Quote Origin: It Is the Function of Art To Renew Our Perception. What We Are Familiar With We Cease To See

Quote Origin: It Is the Function of Art To Renew Our Perception. What We Are Familiar With We Cease To See

March 30, 2026 · 7 min read

“It is the function of art to renew our perception. What we are familiar with we cease to see. The writer shakes up the familiar scene, and as if by magic, we see a new meaning in it.”

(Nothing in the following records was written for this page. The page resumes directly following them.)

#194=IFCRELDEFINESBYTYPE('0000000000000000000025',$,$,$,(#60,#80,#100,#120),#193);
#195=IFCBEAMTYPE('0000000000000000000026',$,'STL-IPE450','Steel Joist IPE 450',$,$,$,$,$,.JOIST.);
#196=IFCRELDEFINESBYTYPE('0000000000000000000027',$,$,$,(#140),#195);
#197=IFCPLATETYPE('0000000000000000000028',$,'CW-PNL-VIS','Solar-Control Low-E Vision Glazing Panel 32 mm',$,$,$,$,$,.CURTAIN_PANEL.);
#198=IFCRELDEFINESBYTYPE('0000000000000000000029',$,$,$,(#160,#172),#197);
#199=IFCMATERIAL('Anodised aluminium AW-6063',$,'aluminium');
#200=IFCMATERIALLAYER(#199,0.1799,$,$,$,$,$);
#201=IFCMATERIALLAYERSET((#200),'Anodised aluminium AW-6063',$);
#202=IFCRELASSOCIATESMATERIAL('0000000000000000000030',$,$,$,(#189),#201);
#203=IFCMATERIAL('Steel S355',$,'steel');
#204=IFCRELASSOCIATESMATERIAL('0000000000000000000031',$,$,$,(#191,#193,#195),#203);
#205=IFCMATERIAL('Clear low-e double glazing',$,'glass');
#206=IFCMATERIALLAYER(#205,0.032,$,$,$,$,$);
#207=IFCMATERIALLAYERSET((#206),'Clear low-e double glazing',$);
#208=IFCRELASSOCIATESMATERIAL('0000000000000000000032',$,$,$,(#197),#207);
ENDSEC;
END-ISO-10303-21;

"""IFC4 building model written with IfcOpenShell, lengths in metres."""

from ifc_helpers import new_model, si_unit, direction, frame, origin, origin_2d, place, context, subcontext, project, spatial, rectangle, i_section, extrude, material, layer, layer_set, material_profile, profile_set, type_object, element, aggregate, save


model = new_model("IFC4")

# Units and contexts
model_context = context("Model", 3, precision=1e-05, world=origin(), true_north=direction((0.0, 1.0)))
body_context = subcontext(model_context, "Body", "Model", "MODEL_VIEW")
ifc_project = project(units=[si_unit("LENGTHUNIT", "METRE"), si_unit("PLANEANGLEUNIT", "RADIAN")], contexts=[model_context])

Last winter, a colleague forwarded me that line midweek. She sent no greeting, no context, just the quote. I stared at it while my inbox kept multiplying. Meanwhile, my attention felt dull, like I had stopped noticing my own life. However, the quote landed like a small jolt, and I reread it twice.

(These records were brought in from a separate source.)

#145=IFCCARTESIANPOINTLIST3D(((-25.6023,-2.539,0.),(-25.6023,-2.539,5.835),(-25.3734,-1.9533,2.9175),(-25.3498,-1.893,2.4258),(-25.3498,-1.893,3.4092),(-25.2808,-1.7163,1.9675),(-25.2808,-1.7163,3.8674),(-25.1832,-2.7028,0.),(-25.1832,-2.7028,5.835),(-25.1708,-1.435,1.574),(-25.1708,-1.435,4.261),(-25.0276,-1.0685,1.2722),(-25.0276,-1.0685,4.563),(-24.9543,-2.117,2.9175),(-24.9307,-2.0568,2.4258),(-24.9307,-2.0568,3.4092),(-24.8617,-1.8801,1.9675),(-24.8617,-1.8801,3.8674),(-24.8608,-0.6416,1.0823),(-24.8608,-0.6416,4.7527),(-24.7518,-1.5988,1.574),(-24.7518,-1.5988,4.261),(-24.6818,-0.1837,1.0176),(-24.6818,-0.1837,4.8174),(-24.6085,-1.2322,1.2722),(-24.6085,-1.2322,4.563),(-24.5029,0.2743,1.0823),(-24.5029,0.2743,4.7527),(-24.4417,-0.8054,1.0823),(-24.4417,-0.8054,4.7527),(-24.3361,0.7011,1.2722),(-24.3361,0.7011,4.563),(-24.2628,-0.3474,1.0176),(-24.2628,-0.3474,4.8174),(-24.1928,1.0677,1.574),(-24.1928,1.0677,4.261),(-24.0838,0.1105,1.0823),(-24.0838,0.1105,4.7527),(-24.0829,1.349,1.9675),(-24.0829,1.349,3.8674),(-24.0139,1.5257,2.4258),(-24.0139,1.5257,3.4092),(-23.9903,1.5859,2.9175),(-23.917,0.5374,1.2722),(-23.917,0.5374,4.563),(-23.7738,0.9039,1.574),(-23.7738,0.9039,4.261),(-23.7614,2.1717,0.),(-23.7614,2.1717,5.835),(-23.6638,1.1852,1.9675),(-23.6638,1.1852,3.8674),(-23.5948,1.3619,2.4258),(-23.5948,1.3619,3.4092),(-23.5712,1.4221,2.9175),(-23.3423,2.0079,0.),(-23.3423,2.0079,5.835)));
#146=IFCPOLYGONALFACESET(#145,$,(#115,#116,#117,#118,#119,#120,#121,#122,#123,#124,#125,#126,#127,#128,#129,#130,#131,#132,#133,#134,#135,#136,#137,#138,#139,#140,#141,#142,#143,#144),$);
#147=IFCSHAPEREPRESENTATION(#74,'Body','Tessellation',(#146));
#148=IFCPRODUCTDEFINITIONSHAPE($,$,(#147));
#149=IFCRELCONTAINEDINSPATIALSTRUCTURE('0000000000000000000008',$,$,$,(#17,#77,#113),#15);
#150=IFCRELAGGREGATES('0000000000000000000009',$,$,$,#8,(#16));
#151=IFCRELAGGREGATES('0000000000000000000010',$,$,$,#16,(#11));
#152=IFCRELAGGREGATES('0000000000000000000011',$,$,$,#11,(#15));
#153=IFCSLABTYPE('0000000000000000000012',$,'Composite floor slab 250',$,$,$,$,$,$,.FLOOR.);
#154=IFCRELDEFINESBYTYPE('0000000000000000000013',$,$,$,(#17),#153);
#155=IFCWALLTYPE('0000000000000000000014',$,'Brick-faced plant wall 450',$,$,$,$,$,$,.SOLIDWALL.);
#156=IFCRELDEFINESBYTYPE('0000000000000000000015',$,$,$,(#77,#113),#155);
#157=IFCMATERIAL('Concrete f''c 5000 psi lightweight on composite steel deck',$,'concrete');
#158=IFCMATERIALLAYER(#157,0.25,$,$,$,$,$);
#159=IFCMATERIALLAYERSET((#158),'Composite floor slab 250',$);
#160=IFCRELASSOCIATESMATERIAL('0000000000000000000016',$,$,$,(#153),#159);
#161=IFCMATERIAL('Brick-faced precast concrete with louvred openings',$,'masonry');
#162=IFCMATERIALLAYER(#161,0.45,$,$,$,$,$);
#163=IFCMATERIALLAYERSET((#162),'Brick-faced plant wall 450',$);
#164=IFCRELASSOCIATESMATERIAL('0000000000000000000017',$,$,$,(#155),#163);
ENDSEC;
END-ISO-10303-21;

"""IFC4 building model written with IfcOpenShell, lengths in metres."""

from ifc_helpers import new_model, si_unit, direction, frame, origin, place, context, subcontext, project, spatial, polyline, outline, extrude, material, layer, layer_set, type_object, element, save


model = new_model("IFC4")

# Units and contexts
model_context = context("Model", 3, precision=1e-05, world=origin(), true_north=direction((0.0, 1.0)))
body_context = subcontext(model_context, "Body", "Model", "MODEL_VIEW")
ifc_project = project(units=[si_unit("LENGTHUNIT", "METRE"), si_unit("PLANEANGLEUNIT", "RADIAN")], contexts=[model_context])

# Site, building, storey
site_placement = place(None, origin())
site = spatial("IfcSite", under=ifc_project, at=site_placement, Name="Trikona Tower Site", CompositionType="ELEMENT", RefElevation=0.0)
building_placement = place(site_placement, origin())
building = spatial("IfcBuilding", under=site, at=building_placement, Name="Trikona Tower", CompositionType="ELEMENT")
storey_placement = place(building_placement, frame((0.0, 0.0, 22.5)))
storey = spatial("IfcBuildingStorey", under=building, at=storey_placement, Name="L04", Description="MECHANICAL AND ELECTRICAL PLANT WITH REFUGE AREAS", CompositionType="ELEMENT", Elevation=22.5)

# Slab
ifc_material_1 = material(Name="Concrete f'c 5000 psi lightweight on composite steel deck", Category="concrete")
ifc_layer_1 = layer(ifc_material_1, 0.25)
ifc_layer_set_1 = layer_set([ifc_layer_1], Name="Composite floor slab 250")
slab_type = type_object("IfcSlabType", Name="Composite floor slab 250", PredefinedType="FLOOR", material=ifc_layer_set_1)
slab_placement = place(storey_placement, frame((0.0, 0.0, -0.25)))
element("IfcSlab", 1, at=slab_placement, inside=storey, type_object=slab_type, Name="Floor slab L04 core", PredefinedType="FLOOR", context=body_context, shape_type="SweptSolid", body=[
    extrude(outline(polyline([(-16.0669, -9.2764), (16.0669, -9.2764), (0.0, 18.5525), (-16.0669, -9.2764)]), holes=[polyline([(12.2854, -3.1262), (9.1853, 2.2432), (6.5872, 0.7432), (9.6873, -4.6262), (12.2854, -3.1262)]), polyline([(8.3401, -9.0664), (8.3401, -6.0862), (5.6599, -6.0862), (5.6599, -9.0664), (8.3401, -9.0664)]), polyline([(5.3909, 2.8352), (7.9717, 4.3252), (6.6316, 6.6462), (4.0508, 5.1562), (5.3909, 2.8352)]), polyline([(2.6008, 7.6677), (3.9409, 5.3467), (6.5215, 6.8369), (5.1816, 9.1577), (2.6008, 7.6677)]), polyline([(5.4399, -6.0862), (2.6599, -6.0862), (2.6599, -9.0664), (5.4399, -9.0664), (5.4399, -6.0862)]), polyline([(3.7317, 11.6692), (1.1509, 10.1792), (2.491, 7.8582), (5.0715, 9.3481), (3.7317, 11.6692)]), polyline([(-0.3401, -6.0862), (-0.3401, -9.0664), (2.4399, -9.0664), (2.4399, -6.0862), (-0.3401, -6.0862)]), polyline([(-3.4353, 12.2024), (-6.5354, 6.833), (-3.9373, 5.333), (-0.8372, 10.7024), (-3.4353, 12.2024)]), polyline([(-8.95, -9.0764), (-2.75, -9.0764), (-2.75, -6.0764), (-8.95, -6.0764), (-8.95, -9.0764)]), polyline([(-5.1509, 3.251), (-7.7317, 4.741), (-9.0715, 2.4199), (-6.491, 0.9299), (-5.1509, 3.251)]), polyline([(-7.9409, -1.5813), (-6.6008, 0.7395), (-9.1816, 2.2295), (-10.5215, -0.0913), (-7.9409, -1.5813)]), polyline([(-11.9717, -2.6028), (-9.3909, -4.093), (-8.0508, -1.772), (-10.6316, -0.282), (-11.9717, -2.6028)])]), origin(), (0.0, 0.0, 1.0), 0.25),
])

That night, I walked the same street I always walk. Yet I noticed a yellow porch light flicker, then steady itself. As a result, I started wondering who first wrote this. So, let’s trace the quote’s origin, its misfires, and its staying power.

Why This Quote Hits So Hard

Familiarity saves energy, so your brain loves it. Therefore, you stop actively noticing what repeats. In contrast, art interrupts that autopilot and forces attention. Additionally, the quote frames that interruption as a writer’s job, not a happy accident.

The line also names a quiet grief. You can live inside a scene and still not see it. However, a poem, painting, or essay can reopen your eyes. As a result, the quote feels practical, not decorative.

Still, people often share it without a source. Consequently, it drifts across posters, captions, and notebooks. That drift created confusion about who wrote it. So, the real story matters.

Earliest Known Appearance: The 1968 Anchor Point

The earliest known publication appears in Anaïs Nin’s book The Novel of the Future. The book first appeared in 1968. In that text, Nin discusses how writers cut through surface habit. Moreover, she argues that artists reveal meaning under routine perception.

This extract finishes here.